Postgres15 supports zstd compression since v15 (at least, it was mentioned about basebackup, but I'm not sure about WAL).

Yes, PG15 supports lz4 and zstd wal compression

koivunej

Should we include tests showing that some simple workload works with compute created with this postgres option enabled?

Looked at lz4_flex, at least fuzzing and miri testing has been recognized. I don't think the async-compression support is an issue, it is questionable to use that crate anyways.

arpad-m · 2023-12-04T11:15:07Z

it is questionable to use that crate anyways.

why? could you expand? we use it in many places.

knizhnik · 2023-12-04T13:28:21Z

it is questionable to use that crate anyways.

why? could you expand? we use it in many places.

Compression is CPU intensive task.

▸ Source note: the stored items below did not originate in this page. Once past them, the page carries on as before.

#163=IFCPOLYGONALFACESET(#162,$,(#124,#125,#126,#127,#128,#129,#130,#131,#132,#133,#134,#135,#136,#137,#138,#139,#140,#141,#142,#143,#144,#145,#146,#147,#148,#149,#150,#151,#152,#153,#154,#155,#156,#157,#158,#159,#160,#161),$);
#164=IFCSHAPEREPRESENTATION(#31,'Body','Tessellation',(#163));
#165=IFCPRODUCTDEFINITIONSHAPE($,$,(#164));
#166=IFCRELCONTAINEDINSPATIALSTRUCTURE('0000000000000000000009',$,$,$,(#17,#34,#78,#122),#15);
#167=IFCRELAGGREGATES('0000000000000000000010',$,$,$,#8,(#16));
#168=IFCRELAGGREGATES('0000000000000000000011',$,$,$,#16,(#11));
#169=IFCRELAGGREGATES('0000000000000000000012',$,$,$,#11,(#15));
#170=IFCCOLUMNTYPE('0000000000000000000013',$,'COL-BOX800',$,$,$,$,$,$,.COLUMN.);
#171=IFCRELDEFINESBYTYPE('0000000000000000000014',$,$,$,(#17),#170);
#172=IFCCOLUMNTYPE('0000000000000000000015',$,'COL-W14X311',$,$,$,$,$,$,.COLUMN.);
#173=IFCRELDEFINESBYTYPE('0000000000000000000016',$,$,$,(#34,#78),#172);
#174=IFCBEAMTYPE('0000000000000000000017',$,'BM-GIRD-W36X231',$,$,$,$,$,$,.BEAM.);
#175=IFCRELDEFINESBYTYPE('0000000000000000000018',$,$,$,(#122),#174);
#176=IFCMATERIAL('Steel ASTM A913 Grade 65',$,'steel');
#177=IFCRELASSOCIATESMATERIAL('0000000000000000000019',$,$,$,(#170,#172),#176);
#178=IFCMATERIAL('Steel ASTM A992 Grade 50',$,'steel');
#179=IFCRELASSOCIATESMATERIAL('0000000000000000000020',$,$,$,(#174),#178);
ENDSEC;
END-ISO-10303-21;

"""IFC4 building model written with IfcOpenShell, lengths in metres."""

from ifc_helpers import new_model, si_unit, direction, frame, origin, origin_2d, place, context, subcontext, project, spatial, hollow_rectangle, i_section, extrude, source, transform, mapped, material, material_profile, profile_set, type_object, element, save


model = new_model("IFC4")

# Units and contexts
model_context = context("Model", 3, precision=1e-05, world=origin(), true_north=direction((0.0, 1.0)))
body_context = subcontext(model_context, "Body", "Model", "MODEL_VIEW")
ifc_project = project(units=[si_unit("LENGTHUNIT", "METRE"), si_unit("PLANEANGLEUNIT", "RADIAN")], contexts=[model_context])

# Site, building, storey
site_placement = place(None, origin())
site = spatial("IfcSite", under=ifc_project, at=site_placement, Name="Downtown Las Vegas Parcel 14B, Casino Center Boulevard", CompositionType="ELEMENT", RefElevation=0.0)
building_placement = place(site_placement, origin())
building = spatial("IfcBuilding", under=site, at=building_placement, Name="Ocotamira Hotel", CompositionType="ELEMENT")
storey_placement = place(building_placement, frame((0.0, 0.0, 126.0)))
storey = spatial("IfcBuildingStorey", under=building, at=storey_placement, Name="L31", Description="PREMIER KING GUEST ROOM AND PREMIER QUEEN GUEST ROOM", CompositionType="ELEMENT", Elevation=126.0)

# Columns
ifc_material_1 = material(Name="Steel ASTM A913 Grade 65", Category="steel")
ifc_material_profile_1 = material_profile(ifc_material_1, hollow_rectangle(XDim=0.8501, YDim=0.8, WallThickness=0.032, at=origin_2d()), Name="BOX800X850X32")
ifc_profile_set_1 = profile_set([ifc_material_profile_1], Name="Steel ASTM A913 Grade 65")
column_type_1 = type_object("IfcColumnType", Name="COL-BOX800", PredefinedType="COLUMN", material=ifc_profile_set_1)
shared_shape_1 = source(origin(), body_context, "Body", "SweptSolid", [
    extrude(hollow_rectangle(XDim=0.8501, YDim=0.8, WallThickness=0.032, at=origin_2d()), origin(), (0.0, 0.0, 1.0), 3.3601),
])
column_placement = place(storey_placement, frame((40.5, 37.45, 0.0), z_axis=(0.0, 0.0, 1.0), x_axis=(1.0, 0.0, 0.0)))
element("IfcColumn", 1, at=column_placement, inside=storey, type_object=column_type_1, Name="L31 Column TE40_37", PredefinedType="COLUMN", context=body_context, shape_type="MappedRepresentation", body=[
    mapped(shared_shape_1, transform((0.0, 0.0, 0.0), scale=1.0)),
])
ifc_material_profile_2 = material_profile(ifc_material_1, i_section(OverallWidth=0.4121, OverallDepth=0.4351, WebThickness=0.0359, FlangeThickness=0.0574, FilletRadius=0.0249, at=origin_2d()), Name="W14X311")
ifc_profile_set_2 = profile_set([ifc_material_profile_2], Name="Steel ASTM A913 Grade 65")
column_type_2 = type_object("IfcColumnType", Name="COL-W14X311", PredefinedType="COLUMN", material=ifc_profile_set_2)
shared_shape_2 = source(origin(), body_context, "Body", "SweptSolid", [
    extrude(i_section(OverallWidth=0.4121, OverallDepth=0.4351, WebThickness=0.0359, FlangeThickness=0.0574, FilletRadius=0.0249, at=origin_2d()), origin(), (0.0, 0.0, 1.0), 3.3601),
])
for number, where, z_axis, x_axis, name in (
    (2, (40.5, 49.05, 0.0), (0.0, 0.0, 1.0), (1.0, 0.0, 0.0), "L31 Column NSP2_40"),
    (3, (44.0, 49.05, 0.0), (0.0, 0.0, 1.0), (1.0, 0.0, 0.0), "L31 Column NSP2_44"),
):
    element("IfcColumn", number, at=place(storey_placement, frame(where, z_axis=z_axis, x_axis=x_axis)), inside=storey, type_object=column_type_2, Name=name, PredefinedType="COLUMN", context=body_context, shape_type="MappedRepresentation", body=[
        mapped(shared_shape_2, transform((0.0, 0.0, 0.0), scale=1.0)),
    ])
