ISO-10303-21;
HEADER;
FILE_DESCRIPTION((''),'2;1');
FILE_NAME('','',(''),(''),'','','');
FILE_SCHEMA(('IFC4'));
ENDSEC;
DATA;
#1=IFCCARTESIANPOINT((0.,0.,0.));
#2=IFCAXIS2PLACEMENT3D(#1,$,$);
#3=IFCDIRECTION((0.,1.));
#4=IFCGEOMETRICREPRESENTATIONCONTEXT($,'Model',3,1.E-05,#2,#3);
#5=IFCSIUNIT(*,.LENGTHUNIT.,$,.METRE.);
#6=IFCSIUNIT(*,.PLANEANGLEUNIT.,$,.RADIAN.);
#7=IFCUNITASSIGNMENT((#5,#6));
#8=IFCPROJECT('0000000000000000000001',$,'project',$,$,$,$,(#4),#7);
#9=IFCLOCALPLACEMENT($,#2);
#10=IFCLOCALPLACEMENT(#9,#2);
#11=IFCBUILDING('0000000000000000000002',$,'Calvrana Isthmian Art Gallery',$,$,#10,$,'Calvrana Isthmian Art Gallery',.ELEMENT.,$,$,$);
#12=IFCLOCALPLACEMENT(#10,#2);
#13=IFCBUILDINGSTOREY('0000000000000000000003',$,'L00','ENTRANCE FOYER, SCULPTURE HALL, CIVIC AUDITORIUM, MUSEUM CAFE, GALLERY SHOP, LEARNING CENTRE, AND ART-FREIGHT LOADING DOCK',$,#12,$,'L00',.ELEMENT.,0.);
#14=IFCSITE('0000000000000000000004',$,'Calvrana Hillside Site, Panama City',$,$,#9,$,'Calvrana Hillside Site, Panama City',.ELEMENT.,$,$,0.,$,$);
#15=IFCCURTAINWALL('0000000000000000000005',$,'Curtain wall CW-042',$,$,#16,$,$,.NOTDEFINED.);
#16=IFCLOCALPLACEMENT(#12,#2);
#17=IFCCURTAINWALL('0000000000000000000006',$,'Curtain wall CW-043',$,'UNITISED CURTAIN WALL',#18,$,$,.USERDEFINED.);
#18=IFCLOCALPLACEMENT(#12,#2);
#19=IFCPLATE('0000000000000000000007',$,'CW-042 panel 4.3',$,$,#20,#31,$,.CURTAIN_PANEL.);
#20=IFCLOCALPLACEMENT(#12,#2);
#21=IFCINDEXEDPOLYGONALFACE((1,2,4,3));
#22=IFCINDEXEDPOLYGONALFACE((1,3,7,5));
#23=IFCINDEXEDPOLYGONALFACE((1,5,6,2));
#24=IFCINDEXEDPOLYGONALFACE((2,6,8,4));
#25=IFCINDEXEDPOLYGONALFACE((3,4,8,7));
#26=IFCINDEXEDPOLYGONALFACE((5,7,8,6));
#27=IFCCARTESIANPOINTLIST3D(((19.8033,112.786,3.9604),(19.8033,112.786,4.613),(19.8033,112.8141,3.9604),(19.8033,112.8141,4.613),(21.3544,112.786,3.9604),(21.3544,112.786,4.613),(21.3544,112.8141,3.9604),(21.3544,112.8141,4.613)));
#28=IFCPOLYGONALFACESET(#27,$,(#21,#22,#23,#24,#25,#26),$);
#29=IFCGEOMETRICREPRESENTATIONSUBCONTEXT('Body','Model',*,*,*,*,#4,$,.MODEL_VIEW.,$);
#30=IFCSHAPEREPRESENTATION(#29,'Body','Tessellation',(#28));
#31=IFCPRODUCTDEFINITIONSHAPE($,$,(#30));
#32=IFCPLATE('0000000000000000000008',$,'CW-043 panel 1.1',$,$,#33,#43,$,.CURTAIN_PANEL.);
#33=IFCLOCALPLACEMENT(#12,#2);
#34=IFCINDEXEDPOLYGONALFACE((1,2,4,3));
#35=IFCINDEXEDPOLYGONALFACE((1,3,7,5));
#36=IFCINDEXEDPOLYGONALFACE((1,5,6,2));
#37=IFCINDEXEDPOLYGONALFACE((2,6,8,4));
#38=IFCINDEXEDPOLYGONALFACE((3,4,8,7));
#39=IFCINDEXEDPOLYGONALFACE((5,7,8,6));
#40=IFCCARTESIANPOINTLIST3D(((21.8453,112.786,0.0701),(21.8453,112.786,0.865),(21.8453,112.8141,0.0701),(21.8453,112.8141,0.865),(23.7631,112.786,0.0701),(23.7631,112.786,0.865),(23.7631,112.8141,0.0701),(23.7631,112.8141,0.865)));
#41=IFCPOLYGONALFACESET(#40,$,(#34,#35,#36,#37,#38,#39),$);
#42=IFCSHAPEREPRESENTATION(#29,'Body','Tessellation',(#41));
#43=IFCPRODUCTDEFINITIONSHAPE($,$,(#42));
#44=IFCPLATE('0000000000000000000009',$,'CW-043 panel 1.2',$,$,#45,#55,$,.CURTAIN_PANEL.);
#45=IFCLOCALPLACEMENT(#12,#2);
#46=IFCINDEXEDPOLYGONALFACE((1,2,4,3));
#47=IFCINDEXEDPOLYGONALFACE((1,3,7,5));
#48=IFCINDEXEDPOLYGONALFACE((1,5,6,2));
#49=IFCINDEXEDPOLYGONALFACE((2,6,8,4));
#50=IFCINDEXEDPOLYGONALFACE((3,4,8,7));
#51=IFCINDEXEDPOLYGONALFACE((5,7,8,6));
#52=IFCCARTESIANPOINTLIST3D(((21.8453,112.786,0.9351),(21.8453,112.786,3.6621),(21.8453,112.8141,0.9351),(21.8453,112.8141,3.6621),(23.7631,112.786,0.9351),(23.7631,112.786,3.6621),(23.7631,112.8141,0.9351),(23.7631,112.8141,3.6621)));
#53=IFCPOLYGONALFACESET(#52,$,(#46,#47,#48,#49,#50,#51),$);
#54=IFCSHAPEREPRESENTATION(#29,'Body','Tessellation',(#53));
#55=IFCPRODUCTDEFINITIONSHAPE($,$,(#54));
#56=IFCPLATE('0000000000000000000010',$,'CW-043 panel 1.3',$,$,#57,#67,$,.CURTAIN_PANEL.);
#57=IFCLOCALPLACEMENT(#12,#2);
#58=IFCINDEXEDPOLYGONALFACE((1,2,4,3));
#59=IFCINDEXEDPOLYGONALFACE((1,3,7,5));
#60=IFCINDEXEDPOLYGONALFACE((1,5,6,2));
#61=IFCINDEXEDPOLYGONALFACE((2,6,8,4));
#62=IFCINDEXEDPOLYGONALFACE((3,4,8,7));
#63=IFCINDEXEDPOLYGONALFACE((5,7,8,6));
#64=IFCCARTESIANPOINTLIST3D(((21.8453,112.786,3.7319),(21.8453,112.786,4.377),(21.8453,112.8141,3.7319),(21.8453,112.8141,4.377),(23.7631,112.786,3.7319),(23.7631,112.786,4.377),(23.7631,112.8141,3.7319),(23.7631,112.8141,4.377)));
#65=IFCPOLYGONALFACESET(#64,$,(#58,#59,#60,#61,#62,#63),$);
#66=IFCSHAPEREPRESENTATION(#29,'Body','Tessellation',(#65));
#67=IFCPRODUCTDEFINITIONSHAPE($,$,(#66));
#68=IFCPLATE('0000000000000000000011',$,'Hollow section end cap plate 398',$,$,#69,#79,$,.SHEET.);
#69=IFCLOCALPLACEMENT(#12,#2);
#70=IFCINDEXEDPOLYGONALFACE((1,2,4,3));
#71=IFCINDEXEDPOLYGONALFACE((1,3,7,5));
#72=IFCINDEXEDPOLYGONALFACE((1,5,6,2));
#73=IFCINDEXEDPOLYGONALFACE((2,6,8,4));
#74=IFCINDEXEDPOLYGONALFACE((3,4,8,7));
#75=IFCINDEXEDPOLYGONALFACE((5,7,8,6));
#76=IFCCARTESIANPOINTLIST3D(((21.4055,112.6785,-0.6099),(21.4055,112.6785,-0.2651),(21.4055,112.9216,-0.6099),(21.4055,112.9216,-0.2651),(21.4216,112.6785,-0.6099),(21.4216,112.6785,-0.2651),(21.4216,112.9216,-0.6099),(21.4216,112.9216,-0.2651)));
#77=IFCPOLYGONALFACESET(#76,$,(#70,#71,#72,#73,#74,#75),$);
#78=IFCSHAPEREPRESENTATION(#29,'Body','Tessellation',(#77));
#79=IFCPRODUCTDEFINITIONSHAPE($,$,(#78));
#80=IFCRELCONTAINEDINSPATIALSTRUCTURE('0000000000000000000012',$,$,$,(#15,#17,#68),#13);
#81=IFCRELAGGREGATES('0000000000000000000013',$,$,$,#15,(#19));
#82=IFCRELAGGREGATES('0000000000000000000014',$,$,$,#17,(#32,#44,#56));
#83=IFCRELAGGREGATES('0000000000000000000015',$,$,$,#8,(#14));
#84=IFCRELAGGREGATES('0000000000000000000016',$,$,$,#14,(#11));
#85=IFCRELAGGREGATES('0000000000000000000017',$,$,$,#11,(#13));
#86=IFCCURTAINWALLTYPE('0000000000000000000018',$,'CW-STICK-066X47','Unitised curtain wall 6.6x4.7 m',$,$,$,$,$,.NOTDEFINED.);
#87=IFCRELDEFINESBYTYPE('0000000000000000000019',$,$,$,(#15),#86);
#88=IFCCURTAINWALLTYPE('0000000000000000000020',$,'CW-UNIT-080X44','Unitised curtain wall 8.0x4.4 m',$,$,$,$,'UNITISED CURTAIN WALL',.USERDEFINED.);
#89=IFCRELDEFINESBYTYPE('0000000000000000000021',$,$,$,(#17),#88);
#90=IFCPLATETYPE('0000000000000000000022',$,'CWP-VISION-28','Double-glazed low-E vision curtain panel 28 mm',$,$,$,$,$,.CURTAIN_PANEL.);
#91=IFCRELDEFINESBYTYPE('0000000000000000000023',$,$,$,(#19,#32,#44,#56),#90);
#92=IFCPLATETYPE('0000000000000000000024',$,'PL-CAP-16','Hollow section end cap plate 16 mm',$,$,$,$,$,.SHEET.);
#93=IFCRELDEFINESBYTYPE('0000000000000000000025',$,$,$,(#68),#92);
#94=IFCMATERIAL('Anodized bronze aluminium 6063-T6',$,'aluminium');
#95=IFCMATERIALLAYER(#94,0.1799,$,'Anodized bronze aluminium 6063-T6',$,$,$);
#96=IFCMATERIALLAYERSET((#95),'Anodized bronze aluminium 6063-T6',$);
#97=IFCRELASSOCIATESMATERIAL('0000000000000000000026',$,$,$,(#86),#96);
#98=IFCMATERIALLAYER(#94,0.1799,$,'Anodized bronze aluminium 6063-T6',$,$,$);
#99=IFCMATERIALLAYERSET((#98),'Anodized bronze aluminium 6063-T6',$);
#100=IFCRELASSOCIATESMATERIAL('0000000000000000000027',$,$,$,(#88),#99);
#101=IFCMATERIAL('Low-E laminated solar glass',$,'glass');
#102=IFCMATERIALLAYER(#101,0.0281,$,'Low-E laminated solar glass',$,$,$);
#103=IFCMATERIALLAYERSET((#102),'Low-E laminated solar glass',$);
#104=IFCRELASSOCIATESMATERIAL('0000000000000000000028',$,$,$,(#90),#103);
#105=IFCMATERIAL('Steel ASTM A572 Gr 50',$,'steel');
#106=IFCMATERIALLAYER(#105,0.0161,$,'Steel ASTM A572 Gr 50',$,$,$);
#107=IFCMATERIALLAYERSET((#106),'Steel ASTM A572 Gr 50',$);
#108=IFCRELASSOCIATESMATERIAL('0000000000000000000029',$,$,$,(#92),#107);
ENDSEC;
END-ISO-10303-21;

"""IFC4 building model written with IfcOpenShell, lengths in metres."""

from ifc_helpers import new_model, si_unit, direction, frame, origin, origin_2d, place, context, subcontext, project, spatial, rectangle, extrude, material, layer, layer_set, type_object, element, aggregate, save


model = new_model("IFC4")

# Units and contexts
model_context = context("Model", 3, precision=1e-05, world=origin(), true_north=direction((0.0, 1.0)))
body_context = subcontext(model_context, "Body", "Model", "MODEL_VIEW")
ifc_project = project(units=[si_unit("LENGTHUNIT", "METRE"), si_unit("PLANEANGLEUNIT", "RADIAN")], contexts=[model_context])

# Site, building, storey
site_placement = place(None, origin())
site = spatial("IfcSite", under=ifc_project, at=site_placement, Name="Calvrana Hillside Site, Panama City", LongName="Calvrana Hillside Site, Panama City", CompositionType="ELEMENT", RefElevation=0.0)
building_placement = place(site_placement, origin())
building = spatial("IfcBuilding", under=site, at=building_placement, Name="Calvrana Isthmian Art Gallery", LongName="Calvrana Isthmian Art Gallery", CompositionType="ELEMENT")
storey_placement = place(building_placement, origin())
storey = spatial("IfcBuildingStorey", under=building, at=storey_placement, Name="L00", Description="ENTRANCE FOYER, SCULPTURE HALL, CIVIC AUDITORIUM, MUSEUM CAFE, GALLERY SHOP, LEARNING CENTRE, AND ART-FREIGHT LOADING DOCK", LongName="L00", CompositionType="ELEMENT", Elevation=0.0)

# Curtain wall
ifc_material_1 = material(Name="Anodized bronze aluminium 6063-T6", Category="aluminium")
ifc_layer_1 = layer(ifc_material_1, 0.1799, Name="Anodized bronze aluminium 6063-T6")
ifc_layer_set_1 = layer_set([ifc_layer_1], Name="Anodized bronze aluminium 6063-T6")
curtain_wall_type_1 = type_object("IfcCurtainWallType", Name="CW-STICK-066X47", Description="Unitised curtain wall 6.6x4.7 m", PredefinedType="NOTDEFINED", material=ifc_layer_set_1)
curtain_wall_1_placement = place(storey_placement, origin())
curtain_wall_1 = element("IfcCurtainWall", 1, at=curtain_wall_1_placement, inside=storey, type_object=curtain_wall_type_1, Name="Curtain wall CW-042", PredefinedType="NOTDEFINED")

# Curtain wall
ifc_layer_2 = layer(ifc_material_1, 0.1799, Name="Anodized bronze aluminium 6063-T6")
ifc_layer_set_2 = layer_set([ifc_layer_2], Name="Anodized bronze aluminium 6063-T6")
curtain_wall_type_2 = type_object("IfcCurtainWallType", Name="CW-UNIT-080X44", Description="Unitised curtain wall 8.0x4.4 m", ElementType="UNITISED CURTAIN WALL", PredefinedType="USERDEFINED", material=ifc_layer_set_2)
curtain_wall_2_placement = place(storey_placement, origin())
curtain_wall_2 = element("IfcCurtainWall", 2, at=curtain_wall_2_placement, inside=storey, type_object=curtain_wall_type_2, Name="Curtain wall CW-043", ObjectType="UNITISED CURTAIN WALL", PredefinedType="USERDEFINED")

Not so much reasons to make it async. It can be useful if we have existed async stream (file, socket,...) and what to add compression to it. But for example in case of WAL compression, or more precisely - compression of FPI in WAL records) we can just use compress/decompress block functions. And not async API is needed here.

arpad-m · 2023-12-04T15:08:34Z

CPU intensive tasks also need to be made async because you must yield to the executor regularly, whether it's due to waiting on I/O or due to CPU work. Unless we use spawn_blocking. I wonder, is the size of the compressed data bounded by some value? @koivunej has explained to me that tokio has two tasks on each executor thread and work stealing cant steal that second task so if you don't yield regularly, you will stall that other tasks indefinitely.

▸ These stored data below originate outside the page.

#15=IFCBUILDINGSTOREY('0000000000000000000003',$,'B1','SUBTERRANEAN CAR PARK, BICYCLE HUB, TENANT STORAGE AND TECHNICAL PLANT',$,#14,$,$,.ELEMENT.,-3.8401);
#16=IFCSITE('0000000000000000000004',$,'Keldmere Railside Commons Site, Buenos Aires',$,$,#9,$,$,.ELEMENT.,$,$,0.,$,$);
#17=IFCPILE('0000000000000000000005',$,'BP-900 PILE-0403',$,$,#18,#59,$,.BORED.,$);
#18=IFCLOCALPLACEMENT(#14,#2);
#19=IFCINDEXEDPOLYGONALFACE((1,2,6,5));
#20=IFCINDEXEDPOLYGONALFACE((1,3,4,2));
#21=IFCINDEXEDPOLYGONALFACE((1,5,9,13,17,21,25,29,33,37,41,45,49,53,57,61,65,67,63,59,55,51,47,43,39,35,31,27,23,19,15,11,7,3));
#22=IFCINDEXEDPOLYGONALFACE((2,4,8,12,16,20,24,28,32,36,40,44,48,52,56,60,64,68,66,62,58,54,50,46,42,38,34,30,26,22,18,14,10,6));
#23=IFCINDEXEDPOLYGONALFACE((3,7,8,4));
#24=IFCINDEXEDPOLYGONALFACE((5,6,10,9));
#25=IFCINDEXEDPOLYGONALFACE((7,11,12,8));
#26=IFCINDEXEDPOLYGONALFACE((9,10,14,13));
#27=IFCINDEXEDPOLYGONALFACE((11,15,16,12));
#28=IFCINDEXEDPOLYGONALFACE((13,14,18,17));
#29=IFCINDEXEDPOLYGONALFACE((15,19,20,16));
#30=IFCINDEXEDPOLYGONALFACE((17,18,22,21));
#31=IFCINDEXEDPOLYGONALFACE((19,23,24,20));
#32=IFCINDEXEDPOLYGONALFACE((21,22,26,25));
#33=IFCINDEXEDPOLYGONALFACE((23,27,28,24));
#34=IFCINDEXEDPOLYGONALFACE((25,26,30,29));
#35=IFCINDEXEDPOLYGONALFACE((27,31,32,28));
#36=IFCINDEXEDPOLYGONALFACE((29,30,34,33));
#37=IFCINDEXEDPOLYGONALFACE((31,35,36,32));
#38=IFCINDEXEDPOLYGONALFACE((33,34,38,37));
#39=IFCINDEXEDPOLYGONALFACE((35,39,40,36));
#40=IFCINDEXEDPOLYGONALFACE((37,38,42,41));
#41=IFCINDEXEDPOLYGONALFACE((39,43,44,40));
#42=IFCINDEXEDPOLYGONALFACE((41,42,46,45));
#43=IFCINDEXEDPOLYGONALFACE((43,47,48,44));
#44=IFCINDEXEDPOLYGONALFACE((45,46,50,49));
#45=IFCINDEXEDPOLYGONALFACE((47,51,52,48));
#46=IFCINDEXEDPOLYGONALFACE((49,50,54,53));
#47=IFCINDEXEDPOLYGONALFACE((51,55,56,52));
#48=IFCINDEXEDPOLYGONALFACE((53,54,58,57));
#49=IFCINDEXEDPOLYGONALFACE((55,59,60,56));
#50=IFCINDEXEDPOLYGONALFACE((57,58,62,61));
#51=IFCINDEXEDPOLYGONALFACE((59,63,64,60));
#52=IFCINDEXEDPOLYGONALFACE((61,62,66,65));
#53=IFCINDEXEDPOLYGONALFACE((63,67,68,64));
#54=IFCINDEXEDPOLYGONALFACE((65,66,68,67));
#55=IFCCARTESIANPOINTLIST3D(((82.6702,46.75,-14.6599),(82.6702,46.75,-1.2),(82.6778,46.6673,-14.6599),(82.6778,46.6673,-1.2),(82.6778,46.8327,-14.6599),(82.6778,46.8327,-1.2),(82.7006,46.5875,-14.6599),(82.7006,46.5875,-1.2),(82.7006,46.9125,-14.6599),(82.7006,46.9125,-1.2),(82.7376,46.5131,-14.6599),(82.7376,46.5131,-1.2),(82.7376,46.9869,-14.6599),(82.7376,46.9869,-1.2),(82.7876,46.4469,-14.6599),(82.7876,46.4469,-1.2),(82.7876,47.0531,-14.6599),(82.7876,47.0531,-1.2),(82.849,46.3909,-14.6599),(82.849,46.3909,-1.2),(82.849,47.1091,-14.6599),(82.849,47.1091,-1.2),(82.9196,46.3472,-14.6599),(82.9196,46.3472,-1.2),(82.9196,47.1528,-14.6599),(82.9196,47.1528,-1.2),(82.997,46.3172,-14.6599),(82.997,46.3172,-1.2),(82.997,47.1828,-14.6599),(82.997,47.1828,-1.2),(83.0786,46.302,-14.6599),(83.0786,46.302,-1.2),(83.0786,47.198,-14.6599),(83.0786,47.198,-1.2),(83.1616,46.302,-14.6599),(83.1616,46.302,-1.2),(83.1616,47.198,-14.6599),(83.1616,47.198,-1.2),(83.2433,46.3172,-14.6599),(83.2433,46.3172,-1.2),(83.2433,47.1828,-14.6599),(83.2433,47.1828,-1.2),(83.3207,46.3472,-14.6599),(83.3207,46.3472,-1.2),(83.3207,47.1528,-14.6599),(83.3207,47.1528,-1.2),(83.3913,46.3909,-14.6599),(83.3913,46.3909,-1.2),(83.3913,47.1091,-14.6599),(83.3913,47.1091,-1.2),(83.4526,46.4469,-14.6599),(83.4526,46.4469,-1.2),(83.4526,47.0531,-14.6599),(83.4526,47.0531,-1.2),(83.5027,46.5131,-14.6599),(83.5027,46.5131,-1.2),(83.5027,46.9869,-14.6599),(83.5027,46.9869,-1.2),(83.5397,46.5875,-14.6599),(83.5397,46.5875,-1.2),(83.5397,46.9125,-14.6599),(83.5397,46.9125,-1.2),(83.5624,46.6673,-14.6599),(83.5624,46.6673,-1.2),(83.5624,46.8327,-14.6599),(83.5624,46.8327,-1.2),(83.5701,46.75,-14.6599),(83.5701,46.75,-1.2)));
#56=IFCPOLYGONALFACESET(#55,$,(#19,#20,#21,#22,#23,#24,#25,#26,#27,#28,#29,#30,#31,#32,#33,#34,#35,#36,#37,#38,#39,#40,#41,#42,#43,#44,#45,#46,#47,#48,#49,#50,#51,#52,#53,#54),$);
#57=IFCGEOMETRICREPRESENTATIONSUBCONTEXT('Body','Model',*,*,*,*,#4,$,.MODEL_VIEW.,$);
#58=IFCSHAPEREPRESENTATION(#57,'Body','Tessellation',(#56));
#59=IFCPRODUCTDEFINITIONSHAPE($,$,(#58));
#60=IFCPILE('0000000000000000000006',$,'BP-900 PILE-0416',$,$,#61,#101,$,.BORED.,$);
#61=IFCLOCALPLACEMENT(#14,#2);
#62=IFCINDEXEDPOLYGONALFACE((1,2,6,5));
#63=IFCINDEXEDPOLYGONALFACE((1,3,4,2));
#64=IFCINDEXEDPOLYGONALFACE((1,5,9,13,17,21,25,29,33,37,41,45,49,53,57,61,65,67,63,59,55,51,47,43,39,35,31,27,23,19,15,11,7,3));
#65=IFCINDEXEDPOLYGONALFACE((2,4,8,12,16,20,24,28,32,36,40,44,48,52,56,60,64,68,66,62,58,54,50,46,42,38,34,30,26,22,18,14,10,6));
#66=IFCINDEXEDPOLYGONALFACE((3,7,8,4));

arpad-m · 2023-12-04T15:10:31Z

We could maybe get away thanks to the fact that lz4 is so extremely fast, that it might not matter much.

jcsp · 2023-12-05T10:44:37Z

CPU intensive tasks also need to be made async because you must yield to the executor regularly,

This is true in general, but it looks like this decompression call has a bounded runtime because it's only handling one page at a time. I would suggest just adding a tokio::task::yield_now() after the decompression, so that if we have a WAL record with many blocks, we are not hogging the executor for the entire decode of the WAL record, but just for one block's decompression work at a time.

jcsp · 2023-12-05T10:45:05Z

I would like to see at least one test in this PR before merging it.

knizhnik · 2023-12-05T15:44:56Z

CPU intensive tasks also need to be made async because you must yield to the executor regularly, whether it's due to waiting on I/O or due to CPU work.

Please notice that we are decompressing just one 8kb page. And decompressor is not reading this page from the disk - it is already present in memory. So there is completely no sense to make this code async.

I would like to see at least one test in this PR before merging it.

Hmm... Not clear what do you want to check? Been enabled, decompression will be used in ALL tests. So I do not see any sense to write some particular test specially for decompression. The only reason may be to estimate reduce of WAL size because of using compression. And it greatly depends on workload.

jcsp · 2023-12-05T15:48:08Z

Hmm... Not clear what do you want to check? Been enabled, decompression will be used in ALL tests. So I do not see any sense to write some particular test specially for decompression.

I'm missing the part where it is enabled -- is that something implicit on the postgres side? What I was expecting in a test was to run postgres with some particular config that enables compression, but I don't know the mechanism by which postgres decides to use it.

arpad-m · 2023-12-05T16:30:32Z

I'm missing the part where it is enabled

I suppose where the WAL is being created, i.e. on the enpoint?

knizhnik · 2023-12-05T16:47:55Z

At least for pgbench -I -s 500 wal compression doesn't cause some noticeable difference in size:

wal_comperssion	wal size	storage size
no	6.3G	6.7G
lz4	5.9G	6.2G

jcsp · 2023-12-06T13:08:49Z

At least for pgbench -I -s 500 wal compression doesn't cause some noticeable difference in size:

So this was by hand, right? What's the story for automated tests: are our tests running with or without compression?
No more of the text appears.